Oxford: Clarendon Press, 1991, xiii+337 p.

* * * * * * * * * *

翻訳では原著にあった「中世の典礼書の現代校訂版やファクシミリ版の内容と構成を詳説した実践編」である第四部を割愛。

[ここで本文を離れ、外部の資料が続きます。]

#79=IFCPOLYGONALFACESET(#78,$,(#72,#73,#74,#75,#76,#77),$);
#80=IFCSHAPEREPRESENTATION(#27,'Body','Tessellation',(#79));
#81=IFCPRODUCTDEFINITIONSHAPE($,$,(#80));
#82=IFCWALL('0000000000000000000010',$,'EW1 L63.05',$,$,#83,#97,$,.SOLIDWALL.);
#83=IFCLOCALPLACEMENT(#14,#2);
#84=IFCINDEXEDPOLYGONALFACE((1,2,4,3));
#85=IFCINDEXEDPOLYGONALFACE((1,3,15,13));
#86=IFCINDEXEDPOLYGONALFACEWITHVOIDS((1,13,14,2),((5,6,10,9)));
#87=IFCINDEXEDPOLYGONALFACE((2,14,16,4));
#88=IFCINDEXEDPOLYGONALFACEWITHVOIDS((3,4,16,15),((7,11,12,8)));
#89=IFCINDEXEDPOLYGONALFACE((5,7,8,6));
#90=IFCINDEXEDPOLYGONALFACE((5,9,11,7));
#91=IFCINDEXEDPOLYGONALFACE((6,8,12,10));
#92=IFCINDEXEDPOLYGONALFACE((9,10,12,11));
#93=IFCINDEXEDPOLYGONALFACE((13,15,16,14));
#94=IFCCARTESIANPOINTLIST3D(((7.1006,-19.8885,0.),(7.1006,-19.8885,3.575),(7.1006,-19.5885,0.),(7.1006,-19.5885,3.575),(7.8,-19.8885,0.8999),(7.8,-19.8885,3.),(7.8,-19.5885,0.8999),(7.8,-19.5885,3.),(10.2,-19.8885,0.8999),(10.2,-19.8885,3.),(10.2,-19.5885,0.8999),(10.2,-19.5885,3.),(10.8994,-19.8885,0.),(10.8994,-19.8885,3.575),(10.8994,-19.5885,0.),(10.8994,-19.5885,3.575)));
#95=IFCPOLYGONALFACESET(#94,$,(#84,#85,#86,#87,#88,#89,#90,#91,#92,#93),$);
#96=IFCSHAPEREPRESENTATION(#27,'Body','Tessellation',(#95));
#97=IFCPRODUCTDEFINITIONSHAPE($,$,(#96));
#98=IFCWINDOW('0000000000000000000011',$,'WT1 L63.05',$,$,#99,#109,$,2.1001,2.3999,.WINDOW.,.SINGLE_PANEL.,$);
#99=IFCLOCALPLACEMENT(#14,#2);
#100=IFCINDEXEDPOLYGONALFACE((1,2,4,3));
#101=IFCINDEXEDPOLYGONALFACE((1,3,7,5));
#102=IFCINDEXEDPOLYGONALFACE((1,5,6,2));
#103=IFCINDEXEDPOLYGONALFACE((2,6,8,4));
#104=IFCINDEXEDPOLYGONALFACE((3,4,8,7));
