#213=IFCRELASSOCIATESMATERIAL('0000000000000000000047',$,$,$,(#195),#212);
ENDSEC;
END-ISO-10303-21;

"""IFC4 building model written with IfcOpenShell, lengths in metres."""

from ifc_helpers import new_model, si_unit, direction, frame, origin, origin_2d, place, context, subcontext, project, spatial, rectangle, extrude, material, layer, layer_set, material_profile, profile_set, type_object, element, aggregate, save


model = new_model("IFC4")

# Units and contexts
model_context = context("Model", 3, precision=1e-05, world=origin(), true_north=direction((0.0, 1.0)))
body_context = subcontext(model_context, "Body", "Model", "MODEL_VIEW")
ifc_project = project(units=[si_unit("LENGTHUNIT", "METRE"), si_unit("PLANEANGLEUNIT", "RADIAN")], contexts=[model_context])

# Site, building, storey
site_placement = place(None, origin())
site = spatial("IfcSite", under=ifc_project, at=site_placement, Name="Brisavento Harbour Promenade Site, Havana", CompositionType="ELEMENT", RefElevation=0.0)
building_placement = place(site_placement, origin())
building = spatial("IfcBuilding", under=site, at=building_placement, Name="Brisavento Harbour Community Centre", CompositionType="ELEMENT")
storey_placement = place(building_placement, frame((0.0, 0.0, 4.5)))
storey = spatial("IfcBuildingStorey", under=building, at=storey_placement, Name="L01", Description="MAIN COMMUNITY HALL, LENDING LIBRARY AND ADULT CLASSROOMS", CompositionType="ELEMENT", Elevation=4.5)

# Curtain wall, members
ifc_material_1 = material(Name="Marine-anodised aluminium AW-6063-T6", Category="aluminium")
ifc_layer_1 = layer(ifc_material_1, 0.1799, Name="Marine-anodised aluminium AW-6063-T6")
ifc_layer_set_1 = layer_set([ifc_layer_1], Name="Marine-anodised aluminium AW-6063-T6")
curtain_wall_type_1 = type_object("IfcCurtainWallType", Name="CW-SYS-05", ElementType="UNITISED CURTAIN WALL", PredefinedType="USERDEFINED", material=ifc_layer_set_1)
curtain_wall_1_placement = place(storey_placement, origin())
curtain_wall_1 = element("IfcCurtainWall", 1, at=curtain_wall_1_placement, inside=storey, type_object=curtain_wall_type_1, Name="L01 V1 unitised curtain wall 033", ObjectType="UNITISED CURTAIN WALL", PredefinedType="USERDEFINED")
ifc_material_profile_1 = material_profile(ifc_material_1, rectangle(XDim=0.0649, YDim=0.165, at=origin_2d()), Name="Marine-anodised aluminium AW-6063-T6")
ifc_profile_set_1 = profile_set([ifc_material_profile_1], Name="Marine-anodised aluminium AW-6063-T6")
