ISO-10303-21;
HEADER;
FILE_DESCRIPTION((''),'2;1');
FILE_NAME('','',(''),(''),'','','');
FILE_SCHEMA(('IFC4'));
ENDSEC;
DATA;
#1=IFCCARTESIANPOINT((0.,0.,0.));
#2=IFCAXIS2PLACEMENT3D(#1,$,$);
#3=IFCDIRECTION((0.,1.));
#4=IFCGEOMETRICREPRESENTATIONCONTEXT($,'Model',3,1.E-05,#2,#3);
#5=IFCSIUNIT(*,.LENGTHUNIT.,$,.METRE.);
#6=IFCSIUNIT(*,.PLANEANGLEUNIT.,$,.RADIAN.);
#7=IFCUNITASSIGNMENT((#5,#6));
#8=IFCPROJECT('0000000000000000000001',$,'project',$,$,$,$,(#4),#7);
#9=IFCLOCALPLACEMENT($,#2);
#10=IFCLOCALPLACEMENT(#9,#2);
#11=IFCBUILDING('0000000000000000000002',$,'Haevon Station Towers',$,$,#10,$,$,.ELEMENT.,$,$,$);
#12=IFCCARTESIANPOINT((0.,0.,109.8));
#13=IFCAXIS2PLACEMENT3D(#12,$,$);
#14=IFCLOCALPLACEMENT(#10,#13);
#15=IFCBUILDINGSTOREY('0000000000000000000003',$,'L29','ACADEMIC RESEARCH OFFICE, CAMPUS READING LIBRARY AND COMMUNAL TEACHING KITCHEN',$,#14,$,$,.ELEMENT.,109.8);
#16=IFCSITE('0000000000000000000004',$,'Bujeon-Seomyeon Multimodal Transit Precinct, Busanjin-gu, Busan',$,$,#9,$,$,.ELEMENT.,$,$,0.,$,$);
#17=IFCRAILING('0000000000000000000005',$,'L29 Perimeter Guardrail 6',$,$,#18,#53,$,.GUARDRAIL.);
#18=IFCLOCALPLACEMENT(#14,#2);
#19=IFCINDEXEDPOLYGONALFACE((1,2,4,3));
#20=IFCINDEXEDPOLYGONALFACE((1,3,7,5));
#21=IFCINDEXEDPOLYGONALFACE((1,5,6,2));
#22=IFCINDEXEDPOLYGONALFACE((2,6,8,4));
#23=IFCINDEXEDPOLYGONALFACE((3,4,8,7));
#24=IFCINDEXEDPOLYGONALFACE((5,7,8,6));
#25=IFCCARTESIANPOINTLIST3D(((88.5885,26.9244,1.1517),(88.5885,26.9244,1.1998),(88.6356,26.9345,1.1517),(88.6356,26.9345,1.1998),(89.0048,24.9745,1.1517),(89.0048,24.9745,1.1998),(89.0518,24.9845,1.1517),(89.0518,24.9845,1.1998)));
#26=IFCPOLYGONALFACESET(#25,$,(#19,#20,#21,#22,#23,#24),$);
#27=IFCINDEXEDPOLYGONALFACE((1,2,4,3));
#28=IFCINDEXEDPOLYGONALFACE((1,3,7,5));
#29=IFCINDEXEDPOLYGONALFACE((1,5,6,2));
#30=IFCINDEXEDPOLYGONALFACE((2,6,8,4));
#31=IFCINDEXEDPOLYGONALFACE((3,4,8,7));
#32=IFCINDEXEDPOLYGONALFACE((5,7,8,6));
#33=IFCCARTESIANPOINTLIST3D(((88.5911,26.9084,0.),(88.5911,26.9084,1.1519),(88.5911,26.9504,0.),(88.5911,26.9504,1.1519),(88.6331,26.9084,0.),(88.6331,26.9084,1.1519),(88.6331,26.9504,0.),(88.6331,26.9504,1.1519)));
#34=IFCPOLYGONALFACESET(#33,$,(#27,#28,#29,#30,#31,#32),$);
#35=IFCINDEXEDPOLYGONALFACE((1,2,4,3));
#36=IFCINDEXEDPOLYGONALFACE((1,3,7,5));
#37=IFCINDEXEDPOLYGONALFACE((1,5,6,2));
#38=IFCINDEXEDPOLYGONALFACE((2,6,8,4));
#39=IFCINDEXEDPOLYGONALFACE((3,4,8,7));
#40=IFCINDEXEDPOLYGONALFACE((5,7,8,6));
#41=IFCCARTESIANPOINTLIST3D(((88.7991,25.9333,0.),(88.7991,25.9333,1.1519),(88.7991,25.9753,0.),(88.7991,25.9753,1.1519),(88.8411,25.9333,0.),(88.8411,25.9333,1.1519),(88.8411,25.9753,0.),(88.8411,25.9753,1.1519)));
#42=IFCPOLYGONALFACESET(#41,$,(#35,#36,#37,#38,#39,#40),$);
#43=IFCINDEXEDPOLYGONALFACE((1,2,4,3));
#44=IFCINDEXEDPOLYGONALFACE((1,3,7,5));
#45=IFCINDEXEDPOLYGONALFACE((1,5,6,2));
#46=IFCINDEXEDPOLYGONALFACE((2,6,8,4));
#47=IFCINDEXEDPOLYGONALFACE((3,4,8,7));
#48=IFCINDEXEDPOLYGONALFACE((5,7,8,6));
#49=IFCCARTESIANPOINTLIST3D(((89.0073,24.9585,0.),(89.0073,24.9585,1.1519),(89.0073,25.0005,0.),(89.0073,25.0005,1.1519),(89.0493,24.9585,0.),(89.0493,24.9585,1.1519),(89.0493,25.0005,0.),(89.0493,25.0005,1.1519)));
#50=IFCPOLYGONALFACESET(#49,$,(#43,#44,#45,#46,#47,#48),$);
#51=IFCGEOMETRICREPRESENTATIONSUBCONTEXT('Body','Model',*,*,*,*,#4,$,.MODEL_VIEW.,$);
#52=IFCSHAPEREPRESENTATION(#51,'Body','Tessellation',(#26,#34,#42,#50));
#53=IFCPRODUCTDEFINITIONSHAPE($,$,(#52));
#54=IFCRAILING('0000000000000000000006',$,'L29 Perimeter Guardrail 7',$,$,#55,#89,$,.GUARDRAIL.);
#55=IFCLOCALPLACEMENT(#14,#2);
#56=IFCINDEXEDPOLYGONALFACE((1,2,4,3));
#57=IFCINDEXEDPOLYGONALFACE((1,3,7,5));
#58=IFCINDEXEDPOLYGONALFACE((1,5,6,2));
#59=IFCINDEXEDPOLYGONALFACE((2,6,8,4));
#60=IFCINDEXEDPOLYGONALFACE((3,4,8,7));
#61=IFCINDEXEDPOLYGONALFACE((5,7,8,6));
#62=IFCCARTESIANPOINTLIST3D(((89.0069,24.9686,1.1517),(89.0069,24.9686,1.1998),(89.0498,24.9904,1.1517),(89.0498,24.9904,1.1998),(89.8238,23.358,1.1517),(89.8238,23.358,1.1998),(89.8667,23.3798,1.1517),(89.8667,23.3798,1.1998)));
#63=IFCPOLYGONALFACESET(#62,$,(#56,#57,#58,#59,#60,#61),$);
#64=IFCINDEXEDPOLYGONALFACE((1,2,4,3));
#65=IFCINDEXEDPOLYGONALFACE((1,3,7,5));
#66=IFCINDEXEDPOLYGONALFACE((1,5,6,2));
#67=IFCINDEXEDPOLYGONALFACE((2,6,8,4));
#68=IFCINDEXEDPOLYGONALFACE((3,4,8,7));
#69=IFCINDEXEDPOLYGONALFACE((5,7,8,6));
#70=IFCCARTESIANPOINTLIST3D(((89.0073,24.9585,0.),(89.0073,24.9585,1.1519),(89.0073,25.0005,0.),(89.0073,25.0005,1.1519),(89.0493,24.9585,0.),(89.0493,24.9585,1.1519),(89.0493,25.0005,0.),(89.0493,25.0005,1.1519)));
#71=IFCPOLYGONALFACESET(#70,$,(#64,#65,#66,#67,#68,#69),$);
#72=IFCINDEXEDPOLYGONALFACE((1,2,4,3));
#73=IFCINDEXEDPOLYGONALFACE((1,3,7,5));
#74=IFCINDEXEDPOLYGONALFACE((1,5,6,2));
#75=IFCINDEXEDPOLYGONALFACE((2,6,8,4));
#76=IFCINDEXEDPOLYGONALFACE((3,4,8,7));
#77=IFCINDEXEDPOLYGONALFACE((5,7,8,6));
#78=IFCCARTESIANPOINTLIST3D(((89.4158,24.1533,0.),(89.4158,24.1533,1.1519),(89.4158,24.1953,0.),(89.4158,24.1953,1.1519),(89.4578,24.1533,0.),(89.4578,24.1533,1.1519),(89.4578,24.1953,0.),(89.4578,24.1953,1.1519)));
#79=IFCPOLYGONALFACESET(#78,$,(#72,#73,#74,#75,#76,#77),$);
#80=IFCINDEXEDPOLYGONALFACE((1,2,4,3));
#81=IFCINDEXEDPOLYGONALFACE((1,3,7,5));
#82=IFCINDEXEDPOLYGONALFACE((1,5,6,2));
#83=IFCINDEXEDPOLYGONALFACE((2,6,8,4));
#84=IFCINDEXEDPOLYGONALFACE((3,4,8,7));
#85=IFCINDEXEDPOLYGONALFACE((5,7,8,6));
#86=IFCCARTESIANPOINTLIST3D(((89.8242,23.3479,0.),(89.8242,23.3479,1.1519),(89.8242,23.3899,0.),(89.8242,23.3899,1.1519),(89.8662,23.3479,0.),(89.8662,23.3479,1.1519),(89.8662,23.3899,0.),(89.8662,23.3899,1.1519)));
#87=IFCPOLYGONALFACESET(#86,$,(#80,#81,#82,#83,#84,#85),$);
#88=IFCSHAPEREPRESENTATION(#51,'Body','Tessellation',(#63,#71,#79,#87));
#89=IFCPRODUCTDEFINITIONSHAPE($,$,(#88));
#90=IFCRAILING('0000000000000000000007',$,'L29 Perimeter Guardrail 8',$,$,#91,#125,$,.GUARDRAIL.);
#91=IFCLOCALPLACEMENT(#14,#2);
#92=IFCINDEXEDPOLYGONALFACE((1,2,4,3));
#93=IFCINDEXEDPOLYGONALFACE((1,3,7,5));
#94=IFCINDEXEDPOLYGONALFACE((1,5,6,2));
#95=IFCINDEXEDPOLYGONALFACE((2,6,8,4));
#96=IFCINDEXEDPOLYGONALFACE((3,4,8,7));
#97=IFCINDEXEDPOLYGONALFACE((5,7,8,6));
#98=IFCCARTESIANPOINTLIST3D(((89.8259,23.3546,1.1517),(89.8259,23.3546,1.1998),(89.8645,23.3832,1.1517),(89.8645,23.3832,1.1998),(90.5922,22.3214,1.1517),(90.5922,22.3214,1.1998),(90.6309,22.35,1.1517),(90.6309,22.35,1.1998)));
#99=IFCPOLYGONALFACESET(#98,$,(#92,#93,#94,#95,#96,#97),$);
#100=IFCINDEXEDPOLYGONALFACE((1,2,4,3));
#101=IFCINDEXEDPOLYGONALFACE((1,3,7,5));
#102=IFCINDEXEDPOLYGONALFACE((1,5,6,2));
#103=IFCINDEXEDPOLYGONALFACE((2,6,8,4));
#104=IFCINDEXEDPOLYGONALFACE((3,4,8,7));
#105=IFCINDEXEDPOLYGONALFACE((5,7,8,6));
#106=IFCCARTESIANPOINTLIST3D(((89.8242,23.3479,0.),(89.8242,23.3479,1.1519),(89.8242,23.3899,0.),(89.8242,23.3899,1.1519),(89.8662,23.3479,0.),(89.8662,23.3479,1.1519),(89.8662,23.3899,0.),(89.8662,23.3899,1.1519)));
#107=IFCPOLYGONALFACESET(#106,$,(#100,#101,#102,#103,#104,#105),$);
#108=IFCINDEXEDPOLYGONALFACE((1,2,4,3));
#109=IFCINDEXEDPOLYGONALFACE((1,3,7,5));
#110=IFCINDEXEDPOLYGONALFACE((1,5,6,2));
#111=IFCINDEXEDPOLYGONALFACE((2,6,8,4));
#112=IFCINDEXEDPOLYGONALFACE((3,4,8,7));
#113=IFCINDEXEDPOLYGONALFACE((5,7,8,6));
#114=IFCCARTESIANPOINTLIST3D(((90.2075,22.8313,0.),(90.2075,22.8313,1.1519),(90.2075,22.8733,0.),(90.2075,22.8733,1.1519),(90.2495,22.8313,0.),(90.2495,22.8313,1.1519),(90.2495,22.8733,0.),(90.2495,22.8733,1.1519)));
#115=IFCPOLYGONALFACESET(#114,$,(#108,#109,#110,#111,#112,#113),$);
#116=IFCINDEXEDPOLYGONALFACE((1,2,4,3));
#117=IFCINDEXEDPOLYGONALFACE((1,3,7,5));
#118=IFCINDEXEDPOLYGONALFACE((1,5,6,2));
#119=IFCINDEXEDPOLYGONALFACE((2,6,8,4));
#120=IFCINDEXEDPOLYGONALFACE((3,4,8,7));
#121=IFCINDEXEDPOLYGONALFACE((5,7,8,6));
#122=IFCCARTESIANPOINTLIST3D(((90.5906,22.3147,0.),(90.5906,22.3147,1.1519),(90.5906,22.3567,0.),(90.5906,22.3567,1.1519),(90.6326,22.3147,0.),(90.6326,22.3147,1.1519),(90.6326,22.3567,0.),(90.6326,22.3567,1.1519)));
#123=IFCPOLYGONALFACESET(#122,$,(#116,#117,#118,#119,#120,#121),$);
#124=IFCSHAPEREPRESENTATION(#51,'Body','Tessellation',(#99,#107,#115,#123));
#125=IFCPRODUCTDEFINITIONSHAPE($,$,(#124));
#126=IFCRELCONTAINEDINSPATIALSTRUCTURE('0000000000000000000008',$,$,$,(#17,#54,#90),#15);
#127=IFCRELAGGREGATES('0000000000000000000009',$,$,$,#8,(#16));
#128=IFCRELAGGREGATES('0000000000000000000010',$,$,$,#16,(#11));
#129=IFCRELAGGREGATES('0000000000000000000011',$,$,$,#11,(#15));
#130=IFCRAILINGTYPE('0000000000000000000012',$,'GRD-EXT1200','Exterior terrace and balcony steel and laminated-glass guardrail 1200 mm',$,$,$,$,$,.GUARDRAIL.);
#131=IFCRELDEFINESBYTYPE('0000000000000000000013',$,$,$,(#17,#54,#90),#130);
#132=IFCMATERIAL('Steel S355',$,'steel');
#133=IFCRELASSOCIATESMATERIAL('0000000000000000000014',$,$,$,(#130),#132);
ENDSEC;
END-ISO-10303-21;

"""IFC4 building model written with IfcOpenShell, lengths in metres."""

from ifc_helpers import new_model, si_unit, direction, frame, origin, origin_2d, place, context, subcontext, project, spatial, rectangle, extrude, material, type_object, element, save


model = new_model("IFC4")

# Units and contexts
model_context = context("Model", 3, precision=1e-05, world=origin(), true_north=direction((0.0, 1.0)))
body_context = subcontext(model_context, "Body", "Model", "MODEL_VIEW")
ifc_project = project(units=[si_unit("LENGTHUNIT", "METRE"), si_unit("PLANEANGLEUNIT", "RADIAN")], contexts=[model_context])

# Site, building, storey
site_placement = place(None, origin())
site = spatial("IfcSite", under=ifc_project, at=site_placement, Name="Bujeon-Seomyeon Multimodal Transit Precinct, Busanjin-gu, Busan", CompositionType="ELEMENT", RefElevation=0.0)
building_placement = place(site_placement, origin())
building = spatial("IfcBuilding", under=site, at=building_placement, Name="Haevon Station Towers", CompositionType="ELEMENT")
storey_placement = place(building_placement, frame((0.0, 0.0, 109.8)))
storey = spatial("IfcBuildingStorey", under=building, at=storey_placement, Name="L29", Description="ACADEMIC RESEARCH OFFICE, CAMPUS READING LIBRARY AND COMMUNAL TEACHING KITCHEN", CompositionType="ELEMENT", Elevation=109.8)

# Railings
ifc_material_1 = material(Name="Steel S355", Category="steel")
railing_type = type_object("IfcRailingType", Name="GRD-EXT1200", Description="Exterior terrace and balcony steel and laminated-glass guardrail 1200 mm", PredefinedType="GUARDRAIL", material=ifc_material_1)
railing_1_placement = place(storey_placement, frame((88.6121, 26.9294, 0.0)))
element("IfcRailing", 1, at=railing_1_placement, inside=storey, type_object=railing_type, Name="L29 Perimeter Guardrail 6", PredefinedType="GUARDRAIL", context=body_context, shape_type="SweptSolid", body=[
    extrude(rectangle(XDim=0.0481, YDim=0.0481, at=origin_2d()), frame((0.0, 0.0, 1.1758), z_axis=(0.208768, -0.977965, 0.0), x_axis=(0.977965, 0.208768, 0.0)), (0.0, 0.0, 1.0), 1.9939),
    extrude(rectangle(XDim=0.042, YDim=0.042, at=origin_2d()), origin(), (0.0, 0.0, 1.0), 1.1519),
    extrude(rectangle(XDim=0.042, YDim=0.042, at=origin_2d()), frame((0.208, -0.9751, 0.0)), (0.0, 0.0, 1.0), 1.1519),
    extrude(rectangle(XDim=0.042, YDim=0.042, at=origin_2d()), frame((0.4163, -1.95, 0.0)), (0.0, 0.0, 1.0), 1.1519),
])
railing_2_placement = place(storey_placement, frame((89.0283, 24.9795, 0.0)))
element("IfcRailing", 2, at=railing_2_placement, inside=storey, type_object=railing_type, Name="L29 Perimeter Guardrail 7", PredefinedType="GUARDRAIL", context=body_context, shape_type="SweptSolid", body=[
    extrude(rectangle(XDim=0.0481, YDim=0.0481, at=origin_2d()), frame((0.0, 0.0, 1.1758), z_axis=(0.452343, -0.891844, 0.0), x_axis=(0.891844, 0.452343, 0.0)), (0.0, 0.0, 1.0), 1.8059),
    extrude(rectangle(XDim=0.042, YDim=0.042, at=origin_2d()), origin(), (0.0, 0.0, 1.0), 1.1519),
    extrude(rectangle(XDim=0.042, YDim=0.042, at=origin_2d()), frame((0.4084, -0.8052, 0.0)), (0.0, 0.0, 1.0), 1.1519),
    extrude(rectangle(XDim=0.042, YDim=0.042, at=origin_2d()), frame((0.8169, -1.6106, 0.0)), (0.0, 0.0, 1.0), 1.1519),
])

定訳のない教会用語の訳語として、本書は二つの原則を立てる。
1.ミサ通常文やカンティクムの各曲のように、楽語ともみなし得る用語、およびそのほかの、やはり式文全体をさすものとして用語化しているラテン語の冒頭語は、ラテン語のカナ表記とする。
2.訳語を用いる場合には、原則として第二ヴァティカン公会議以前の日本のカトリック教会である程度一般的だったと考えられる旧称を優先的に用いる。ただし第十一章では、日本聖公会(英国国教会系教派)の文語祈祷書の表現を用いる。その際、整合をはかるため、それ以前の章で用いた該当語を[ ]で補記する。なお「詩篇」の字は用いず、翻訳書全体を通じて「詩編」で統一する。

カトリック典礼用語の手頃な参考書として、
小林珍雄『キリスト教用語辞典』(東京堂出版 1954)
川口洋『キリスト教用語独和小事典』(同学社 1996)

川口の小事典は紙数の関係で当初の項目数を大幅に減らしたらしい。もったいない。小林の辞書には本当にお世話になった。若い頃はこれがなければ教会史の研究書が読めなかった。

教会史の用語辞典といえば、上智大学から出版されている『新カトリック大事典』。確かに使えるが、3巻までしか目にしていない。最終巻はいつ出るのだろう。デジタルデータもあるのだろうから、CDロムバージョンも出してほしい。